20. The method of claim 16, wherein the analyzing of the audio input includes the rolloff analysis being carried out by calculating a frequency so that a pre-defined percentage of a signal energy is contained below a frequency of the audio input.
21. The method of claim 16, comprising: the multipoint control unit automatically starting a process to inform the one or more clients that are generating the howling noise disturbance and/or the other clients that are not generating the howling noise disturbance about the howling noise disturbance.
22. The method of claim 21, comprising: the client that generated the howling noise disturbance solving the problem locally so that no howling noise is present and the multipoint control unit automatically remixing the client to the audio stream again in response to the solving of the problem locally and informing this client and/or the other clients about the remixing.
23. A system for avoiding howling disturbance on conferences comprising: a multipoint control unit communicatively connectable to a plurality of clients, the clients including a first client and a second client; a howling noise detector configured to detect a howling noise, the howling detector being implemented inside the multipoint control unit to receive an audio stream input from each of the clients; a prevention unit configured to disable and/or enable a procedure to prevent the audio stream input to be forwarded to an audio mixer in response to detection of the howling noise in the audio stream input.
24. The system of claim 23, wherein the howling detector unit comprises: a skewness analysis unit; a flatness analysis unit; a crest analysis unit; and/or a rolloff analysis unit.
25. The system of claim 23, wherein the howling detector unit comprises a DC filter unit and/or a fast Fourier transformation (FFT) unit
26. The system of claim 23, wherein the howling detector unit comprises at least one fixed sized circular queue to separately queue an output of at least one of: a skewness analysis unit, a flatness analysis unit, a crest analysis unit and/or a roll-off analysis unit.
27. The system of claim 26, wherein the howling detector unit comprises at least one average unit to individually average the output of the queue.
28. The system according to claim 27, wherein the howling detector unit comprises at least one comparator unit to compare by an output of the average unit to an individual threshold value.
29. The system of claim 28, wherein the howling detector unit comprises an AND port unit to analyze at least two individual threshold value outputs generated by at least two comparator units and forward a single Boolean value informing the multipoint control unit to prevent the audio stream input from being mixed in the audio mixer or release the audio stream input to be mixed via the audio mixer.

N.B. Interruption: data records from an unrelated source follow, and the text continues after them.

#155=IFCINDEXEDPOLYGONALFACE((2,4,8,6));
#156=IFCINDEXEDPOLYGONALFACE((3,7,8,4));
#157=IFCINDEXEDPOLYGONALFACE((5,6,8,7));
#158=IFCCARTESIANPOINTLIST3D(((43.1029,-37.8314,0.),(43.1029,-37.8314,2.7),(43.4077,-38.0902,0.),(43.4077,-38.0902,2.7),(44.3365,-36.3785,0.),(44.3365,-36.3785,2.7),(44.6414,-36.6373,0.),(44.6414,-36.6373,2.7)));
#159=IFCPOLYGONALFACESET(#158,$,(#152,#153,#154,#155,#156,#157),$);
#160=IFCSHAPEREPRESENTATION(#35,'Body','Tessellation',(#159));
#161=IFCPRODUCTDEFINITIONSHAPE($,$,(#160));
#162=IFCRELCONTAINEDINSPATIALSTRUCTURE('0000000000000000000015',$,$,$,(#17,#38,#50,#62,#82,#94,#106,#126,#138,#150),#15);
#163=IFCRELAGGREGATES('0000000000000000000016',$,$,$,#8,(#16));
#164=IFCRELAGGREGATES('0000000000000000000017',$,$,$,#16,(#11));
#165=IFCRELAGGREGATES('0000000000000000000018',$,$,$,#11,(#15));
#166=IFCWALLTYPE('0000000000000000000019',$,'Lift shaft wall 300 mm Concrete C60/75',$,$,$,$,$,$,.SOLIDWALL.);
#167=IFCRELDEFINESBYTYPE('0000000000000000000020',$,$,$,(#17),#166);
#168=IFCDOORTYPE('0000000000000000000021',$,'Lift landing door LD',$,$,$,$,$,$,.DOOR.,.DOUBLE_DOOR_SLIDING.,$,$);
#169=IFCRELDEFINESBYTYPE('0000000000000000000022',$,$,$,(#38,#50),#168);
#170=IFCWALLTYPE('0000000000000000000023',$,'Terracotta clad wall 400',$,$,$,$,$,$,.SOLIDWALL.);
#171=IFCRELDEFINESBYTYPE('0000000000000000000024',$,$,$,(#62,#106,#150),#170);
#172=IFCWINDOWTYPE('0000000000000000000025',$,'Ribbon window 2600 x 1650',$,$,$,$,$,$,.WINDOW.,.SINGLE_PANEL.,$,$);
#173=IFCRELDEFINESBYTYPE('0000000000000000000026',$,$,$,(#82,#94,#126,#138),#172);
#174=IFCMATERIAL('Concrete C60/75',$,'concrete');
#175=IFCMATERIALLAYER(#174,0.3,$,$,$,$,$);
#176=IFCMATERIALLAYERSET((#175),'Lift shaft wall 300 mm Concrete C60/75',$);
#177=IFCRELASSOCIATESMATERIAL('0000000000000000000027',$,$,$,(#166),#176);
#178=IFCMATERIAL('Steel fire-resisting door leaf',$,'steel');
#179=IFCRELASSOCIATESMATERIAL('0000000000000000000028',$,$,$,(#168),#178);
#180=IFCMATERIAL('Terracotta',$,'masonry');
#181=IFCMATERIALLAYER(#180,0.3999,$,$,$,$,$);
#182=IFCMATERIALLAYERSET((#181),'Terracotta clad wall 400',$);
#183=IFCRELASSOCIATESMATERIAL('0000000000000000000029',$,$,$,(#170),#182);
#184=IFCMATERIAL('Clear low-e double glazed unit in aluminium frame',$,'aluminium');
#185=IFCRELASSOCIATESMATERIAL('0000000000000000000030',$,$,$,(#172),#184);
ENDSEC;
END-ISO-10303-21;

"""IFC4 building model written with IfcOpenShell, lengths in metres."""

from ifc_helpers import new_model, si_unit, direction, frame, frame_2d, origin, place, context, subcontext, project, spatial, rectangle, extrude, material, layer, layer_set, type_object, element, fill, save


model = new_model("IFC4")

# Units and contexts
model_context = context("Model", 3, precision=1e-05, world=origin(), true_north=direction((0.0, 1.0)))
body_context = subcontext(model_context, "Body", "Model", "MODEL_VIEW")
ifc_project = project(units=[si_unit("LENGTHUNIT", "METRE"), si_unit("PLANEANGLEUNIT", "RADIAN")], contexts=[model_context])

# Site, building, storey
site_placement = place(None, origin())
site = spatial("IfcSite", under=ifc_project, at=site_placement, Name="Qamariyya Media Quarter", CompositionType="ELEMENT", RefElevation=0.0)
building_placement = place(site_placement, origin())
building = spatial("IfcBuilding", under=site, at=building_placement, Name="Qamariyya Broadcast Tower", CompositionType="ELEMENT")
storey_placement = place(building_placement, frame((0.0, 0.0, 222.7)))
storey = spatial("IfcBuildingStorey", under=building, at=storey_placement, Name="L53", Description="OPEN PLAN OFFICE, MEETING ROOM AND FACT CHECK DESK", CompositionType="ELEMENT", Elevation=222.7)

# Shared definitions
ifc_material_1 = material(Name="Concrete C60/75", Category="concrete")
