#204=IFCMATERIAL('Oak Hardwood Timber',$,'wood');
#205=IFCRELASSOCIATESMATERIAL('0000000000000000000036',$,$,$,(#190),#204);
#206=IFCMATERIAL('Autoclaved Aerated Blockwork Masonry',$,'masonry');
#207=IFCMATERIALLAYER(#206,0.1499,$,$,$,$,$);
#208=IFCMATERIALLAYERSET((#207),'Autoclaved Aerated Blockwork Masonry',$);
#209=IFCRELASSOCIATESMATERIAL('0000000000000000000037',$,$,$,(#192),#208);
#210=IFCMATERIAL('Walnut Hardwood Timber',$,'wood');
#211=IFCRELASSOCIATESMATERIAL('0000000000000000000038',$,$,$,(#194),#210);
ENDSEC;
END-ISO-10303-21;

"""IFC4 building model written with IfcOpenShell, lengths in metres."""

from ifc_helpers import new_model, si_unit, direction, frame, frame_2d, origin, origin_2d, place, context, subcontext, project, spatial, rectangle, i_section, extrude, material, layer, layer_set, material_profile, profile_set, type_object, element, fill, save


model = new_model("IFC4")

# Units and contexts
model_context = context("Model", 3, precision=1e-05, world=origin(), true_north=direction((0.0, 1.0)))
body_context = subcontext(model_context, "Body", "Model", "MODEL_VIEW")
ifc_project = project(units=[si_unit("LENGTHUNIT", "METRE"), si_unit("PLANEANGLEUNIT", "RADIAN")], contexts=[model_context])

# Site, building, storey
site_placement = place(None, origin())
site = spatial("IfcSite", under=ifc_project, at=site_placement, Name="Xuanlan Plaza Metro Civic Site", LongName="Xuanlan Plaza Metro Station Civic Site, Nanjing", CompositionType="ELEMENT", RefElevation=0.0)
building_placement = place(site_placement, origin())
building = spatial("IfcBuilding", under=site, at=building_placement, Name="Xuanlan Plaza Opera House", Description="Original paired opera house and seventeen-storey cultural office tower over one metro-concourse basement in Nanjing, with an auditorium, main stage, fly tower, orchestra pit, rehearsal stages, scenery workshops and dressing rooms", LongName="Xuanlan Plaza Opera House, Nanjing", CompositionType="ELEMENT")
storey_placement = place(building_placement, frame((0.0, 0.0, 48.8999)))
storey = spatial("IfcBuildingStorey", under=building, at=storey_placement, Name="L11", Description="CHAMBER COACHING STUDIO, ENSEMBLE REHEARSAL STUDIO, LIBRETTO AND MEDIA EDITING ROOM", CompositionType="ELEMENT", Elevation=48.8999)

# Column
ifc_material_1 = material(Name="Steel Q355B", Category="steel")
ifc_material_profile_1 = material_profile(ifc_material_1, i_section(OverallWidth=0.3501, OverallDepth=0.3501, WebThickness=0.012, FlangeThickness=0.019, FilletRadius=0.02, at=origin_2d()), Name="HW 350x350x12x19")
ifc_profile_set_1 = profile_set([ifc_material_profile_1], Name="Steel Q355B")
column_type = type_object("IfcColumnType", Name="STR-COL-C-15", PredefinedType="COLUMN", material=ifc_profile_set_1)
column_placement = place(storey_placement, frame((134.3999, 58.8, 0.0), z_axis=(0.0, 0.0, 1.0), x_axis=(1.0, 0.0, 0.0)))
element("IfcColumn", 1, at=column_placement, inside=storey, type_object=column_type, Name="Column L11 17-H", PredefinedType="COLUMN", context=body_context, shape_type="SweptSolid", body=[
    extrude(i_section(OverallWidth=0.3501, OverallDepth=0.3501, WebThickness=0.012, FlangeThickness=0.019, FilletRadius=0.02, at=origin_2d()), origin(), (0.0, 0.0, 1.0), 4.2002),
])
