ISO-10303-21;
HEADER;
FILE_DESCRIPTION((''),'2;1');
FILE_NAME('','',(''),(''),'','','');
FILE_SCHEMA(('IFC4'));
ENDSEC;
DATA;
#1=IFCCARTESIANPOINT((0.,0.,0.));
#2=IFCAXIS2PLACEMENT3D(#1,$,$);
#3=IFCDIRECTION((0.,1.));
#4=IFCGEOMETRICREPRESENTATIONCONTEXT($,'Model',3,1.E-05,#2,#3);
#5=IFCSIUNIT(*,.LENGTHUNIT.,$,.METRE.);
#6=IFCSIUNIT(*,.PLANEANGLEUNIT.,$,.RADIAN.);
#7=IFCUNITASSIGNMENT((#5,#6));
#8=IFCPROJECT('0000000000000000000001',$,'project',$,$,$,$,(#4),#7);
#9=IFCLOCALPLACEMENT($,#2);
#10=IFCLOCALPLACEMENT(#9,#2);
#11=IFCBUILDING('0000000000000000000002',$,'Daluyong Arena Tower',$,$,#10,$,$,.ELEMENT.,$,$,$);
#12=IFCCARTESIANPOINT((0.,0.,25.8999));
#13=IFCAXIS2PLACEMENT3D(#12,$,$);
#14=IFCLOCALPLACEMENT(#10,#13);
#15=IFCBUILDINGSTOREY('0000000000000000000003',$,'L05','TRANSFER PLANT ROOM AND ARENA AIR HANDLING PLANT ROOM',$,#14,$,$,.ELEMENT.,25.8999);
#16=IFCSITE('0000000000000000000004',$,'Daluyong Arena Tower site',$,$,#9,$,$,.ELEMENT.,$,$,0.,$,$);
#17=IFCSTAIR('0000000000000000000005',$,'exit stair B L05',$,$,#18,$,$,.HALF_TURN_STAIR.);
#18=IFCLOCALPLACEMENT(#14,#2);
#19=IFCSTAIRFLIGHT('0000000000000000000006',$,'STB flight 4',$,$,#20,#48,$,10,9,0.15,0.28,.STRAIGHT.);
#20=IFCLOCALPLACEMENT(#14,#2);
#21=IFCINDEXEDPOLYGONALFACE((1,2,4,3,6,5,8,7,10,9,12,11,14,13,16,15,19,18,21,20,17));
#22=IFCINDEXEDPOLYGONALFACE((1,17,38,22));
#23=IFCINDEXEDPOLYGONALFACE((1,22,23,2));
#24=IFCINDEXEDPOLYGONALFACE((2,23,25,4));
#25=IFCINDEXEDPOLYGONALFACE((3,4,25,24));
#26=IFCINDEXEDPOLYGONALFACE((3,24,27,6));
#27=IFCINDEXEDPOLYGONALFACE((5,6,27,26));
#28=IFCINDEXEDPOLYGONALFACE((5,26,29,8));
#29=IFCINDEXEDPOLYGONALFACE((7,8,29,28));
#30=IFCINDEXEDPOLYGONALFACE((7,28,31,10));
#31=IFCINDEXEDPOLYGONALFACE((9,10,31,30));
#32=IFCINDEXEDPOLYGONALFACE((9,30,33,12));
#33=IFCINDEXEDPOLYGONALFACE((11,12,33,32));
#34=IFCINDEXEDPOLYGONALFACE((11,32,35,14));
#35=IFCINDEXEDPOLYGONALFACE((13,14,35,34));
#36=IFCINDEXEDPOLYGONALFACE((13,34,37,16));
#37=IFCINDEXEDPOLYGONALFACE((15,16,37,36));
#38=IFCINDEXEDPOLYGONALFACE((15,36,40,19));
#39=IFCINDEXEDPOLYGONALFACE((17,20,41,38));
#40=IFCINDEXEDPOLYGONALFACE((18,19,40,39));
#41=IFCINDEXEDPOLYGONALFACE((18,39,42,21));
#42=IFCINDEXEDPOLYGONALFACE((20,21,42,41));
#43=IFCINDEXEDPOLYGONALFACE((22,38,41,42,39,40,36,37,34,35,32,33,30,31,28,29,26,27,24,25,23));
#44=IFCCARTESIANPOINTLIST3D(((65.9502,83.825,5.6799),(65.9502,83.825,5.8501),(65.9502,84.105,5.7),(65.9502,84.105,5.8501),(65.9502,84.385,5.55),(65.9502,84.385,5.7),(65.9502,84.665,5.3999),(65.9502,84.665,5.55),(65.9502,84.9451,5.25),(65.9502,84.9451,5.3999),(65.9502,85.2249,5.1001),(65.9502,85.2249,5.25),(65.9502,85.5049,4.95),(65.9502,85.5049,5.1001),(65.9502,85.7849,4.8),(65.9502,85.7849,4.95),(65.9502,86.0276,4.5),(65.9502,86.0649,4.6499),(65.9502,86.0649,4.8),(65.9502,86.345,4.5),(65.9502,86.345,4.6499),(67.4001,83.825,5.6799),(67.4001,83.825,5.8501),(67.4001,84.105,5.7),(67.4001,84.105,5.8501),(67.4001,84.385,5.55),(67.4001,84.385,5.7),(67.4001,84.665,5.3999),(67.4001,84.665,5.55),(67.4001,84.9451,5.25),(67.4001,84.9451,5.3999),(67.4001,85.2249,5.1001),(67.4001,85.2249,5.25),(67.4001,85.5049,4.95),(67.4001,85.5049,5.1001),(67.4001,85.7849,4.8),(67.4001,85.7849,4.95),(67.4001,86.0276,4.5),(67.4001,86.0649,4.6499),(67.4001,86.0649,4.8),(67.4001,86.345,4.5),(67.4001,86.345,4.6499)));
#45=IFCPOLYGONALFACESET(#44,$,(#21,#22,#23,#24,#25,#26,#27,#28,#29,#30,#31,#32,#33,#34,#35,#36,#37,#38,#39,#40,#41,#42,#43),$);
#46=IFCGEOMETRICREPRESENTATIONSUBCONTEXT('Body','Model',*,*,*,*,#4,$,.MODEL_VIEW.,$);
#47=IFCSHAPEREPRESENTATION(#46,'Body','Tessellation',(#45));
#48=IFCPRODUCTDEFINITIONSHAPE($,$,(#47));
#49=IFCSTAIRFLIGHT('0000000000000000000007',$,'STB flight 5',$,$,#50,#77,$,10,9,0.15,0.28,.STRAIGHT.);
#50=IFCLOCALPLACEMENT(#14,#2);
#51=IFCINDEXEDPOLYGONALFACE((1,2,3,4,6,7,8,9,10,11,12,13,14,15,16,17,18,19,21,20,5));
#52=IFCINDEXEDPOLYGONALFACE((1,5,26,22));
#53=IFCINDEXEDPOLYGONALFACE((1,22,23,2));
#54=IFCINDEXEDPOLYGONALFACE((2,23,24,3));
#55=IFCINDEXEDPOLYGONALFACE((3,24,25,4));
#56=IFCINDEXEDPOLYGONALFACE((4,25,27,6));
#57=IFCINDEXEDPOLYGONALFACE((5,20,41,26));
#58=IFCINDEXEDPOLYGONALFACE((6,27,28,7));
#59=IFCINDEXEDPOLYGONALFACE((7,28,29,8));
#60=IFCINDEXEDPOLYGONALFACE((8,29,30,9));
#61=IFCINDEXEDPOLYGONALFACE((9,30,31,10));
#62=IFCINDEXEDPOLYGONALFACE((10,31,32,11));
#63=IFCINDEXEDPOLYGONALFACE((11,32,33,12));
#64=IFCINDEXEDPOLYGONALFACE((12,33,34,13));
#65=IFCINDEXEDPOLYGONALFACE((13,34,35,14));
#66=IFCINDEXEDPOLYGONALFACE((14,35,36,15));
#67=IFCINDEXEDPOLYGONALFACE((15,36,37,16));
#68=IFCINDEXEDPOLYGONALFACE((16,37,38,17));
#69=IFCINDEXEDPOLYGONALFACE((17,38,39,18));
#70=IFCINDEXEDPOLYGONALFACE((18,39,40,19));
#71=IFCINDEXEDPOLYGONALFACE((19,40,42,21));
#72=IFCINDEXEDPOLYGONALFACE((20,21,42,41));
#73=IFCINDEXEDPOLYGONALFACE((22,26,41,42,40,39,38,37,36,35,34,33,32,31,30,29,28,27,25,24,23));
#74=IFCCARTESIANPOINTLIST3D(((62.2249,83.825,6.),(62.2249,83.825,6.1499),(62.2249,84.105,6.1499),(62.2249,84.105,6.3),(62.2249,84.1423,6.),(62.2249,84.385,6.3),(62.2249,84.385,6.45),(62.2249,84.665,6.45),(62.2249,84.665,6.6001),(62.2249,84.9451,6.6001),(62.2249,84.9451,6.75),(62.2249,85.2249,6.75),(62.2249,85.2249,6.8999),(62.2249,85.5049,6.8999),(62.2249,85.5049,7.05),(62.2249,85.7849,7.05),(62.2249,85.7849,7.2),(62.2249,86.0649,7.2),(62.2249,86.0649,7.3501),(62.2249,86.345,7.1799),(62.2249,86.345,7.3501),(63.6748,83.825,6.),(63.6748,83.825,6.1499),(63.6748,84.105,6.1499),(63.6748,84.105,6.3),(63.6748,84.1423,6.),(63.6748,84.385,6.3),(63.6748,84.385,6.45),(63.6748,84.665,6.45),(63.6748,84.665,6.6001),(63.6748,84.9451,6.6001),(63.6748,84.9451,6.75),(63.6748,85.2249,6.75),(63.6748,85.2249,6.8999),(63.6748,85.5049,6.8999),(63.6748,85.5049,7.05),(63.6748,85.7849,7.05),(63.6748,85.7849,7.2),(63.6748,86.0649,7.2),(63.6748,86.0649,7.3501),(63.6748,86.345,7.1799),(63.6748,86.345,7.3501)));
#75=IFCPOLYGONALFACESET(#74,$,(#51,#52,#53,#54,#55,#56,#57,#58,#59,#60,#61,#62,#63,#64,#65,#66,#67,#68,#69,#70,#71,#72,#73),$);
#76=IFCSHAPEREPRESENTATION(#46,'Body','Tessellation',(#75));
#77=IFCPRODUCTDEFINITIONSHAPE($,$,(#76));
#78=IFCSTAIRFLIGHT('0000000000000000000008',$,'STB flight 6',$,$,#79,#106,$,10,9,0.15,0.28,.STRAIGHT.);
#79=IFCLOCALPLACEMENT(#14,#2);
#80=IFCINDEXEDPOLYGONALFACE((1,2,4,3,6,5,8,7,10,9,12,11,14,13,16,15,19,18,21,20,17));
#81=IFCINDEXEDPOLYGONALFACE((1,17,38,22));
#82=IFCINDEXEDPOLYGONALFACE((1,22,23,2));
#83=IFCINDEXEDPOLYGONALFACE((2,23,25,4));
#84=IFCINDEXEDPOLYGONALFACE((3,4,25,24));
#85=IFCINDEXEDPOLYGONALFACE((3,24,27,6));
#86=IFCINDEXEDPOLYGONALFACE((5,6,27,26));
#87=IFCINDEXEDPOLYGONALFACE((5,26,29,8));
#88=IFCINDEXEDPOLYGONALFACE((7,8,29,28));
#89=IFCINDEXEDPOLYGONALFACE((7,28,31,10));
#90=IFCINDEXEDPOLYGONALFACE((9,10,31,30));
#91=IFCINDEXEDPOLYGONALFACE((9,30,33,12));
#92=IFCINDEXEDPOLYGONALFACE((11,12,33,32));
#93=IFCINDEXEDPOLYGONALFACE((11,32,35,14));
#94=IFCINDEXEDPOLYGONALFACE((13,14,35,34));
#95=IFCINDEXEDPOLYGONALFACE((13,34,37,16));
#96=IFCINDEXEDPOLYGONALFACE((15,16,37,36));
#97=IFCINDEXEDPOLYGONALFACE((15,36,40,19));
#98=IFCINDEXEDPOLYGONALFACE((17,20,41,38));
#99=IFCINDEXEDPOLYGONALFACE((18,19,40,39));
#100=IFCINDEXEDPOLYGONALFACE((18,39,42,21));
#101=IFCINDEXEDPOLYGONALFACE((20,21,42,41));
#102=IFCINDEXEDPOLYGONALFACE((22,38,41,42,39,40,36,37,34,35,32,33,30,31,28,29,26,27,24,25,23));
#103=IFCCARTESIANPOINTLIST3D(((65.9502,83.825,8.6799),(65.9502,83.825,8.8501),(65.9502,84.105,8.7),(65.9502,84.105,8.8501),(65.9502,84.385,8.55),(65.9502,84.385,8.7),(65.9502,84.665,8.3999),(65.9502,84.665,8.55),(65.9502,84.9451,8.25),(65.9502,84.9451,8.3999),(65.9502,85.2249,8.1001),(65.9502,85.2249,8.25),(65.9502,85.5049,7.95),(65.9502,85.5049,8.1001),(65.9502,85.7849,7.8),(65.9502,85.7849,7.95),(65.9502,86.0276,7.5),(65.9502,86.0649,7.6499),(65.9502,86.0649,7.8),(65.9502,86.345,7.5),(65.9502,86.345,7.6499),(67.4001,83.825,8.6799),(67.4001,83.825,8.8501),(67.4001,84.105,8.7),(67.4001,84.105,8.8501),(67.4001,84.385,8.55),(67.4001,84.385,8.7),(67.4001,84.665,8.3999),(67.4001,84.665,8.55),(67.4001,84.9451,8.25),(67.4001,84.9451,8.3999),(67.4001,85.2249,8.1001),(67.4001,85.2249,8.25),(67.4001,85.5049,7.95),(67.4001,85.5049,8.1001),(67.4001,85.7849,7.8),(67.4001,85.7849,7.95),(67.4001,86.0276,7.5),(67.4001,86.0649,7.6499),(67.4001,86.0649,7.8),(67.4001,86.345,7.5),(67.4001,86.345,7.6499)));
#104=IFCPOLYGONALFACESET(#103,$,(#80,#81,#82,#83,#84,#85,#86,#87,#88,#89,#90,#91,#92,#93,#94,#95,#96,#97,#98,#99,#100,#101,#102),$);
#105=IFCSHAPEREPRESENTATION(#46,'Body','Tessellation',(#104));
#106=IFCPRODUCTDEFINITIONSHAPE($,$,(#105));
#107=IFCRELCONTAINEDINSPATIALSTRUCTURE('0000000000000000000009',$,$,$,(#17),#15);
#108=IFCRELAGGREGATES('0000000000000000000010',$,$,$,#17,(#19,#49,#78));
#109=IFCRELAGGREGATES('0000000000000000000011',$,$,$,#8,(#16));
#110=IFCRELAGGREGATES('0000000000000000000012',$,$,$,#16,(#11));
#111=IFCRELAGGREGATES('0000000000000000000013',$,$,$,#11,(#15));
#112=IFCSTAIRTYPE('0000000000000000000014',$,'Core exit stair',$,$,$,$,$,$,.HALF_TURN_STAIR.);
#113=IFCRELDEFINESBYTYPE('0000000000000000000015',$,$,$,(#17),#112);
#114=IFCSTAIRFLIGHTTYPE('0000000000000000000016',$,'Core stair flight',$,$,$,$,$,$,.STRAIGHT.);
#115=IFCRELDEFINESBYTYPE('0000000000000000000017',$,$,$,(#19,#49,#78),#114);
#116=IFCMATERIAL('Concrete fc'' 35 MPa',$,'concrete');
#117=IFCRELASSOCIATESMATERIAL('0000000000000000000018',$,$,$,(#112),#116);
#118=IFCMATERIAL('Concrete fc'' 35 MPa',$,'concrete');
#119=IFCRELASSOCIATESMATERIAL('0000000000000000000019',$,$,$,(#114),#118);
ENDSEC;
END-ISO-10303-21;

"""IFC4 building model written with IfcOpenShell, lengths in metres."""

from ifc_helpers import new_model, si_unit, direction, frame, origin, place, context, subcontext, project, spatial, polyline, outline, extrude, material, type_object, element, aggregate, save


model = new_model("IFC4")

# Units and contexts
model_context = context("Model", 3, precision=1e-05, world=origin(), true_north=direction((0.0, 1.0)))
body_context = subcontext(model_context, "Body", "Model", "MODEL_VIEW")
ifc_project = project(units=[si_unit("LENGTHUNIT", "METRE"), si_unit("PLANEANGLEUNIT", "RADIAN")], contexts=[model_context])

# Site, building, storey
site_placement = place(None, origin())
site = spatial("IfcSite", under=ifc_project, at=site_placement, Name="Daluyong Arena Tower site", CompositionType="ELEMENT", RefElevation=0.0)
building_placement = place(site_placement, origin())
building = spatial("IfcBuilding", under=site, at=building_placement, Name="Daluyong Arena Tower", CompositionType="ELEMENT")
storey_placement = place(building_placement, frame((0.0, 0.0, 25.8999)))
storey = spatial("IfcBuildingStorey", under=building, at=storey_placement, Name="L05", Description="TRANSFER PLANT ROOM AND ARENA AIR HANDLING PLANT ROOM", CompositionType="ELEMENT", Elevation=25.8999)

# Stair, stair flights
ifc_material_1 = material(Name="Concrete fc' 35 MPa", Category="concrete")
stair_type = type_object("IfcStairType", Name="Core exit stair", PredefinedType="HALF_TURN_STAIR", material=ifc_material_1)
stair_placement = place(storey_placement, origin())
stair = element("IfcStair", 1, at=stair_placement, inside=storey, type_object=stair_type, Name="exit stair B L05", PredefinedType="HALF_TURN_STAIR")
ifc_material_2 = material(Name="Concrete fc' 35 MPa", Category="concrete")
stair_flight_type = type_object("IfcStairFlightType", Name="Core stair flight", PredefinedType="STRAIGHT", material=ifc_material_2)
stair_flight_1_placement = place(storey_placement, frame((66.675, 86.345, 4.5), z_axis=(0.0, 0.0, 1.0), x_axis=(0.0, -1.0, 0.0)))
stair_flight_1 = element("IfcStairFlight", 2, at=stair_flight_1_placement, type_object=stair_flight_type, Name="STB flight 4", NumberOfRisers=10, NumberOfTreads=9, PredefinedType="STRAIGHT", RiserHeight=0.15, TreadLength=0.28, context=body_context, shape_type="SweptSolid", body=[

30. The system of claim 23, wherein the system is included in a private branch exchange (PBX), a telecommunication device, a personal computer (PC), a closed loop control system equipped with Automatic Gain Control (AGC), or a telecommunication device having a web application.
Description
[0092] The invention and embodiments thereof will be described below in further detail in connection with the drawings.
[0093]
[0094]
[0095]
[0096]
[0097]
[0098]
[0099]
[0100]
[0101] As schematically illustrated in
[0102] Normally, there is always some kind of echo canceler implementation in the client applications, but they are not enough to prevent howling, as it was described previously. And normally, MCU 101 have no echo canceler implementation in its streams, since this is a CPU intensive procedure, echo canceler leads to delay in audio and it must be implemented as close to the audio device as possible.
[0103]
[0104] The howling detector unit 100 will detect when howling noise starts and when it stops. By detecting the noise presence or absence, the howling detector unit 100 could block or release the incoming audio from being mixed to the other participants by the audio mixer 103 unit. At any time that the noise presence state changes, the MCU 101 unit could also trigger the signaling layers of the system to send a message to the participants about the status changes.
[0105] As an example, in the
[0106] As soon as Client 1 111 stops sending noise, its audio stream will automatically be mixed again to the conference and a message informing the occurrence will be sent to the Client 1 111 as well. As an optional configuration, the participants Client 2 112 and Client 3 113 may receive a message informing them about the situation of Client 1 111.
[0107] The basic operation of any echo canceler is the comparison of its microphone input with the incoming stream. If the echo canceler detects that its microphone input audio is also present in its incoming audio stream to be played in a speaker, it must filter out the part of the signal that is relatively equal to its microphone input and then send it to be played in the speaker.
[0108]
[0109] If there is an acoustic loop 124 in Client 2 112 side, it will arrive as an echo in the Client 1 111, and its echo-canceler unit 125 must filter out this signal before sending it to the microphone.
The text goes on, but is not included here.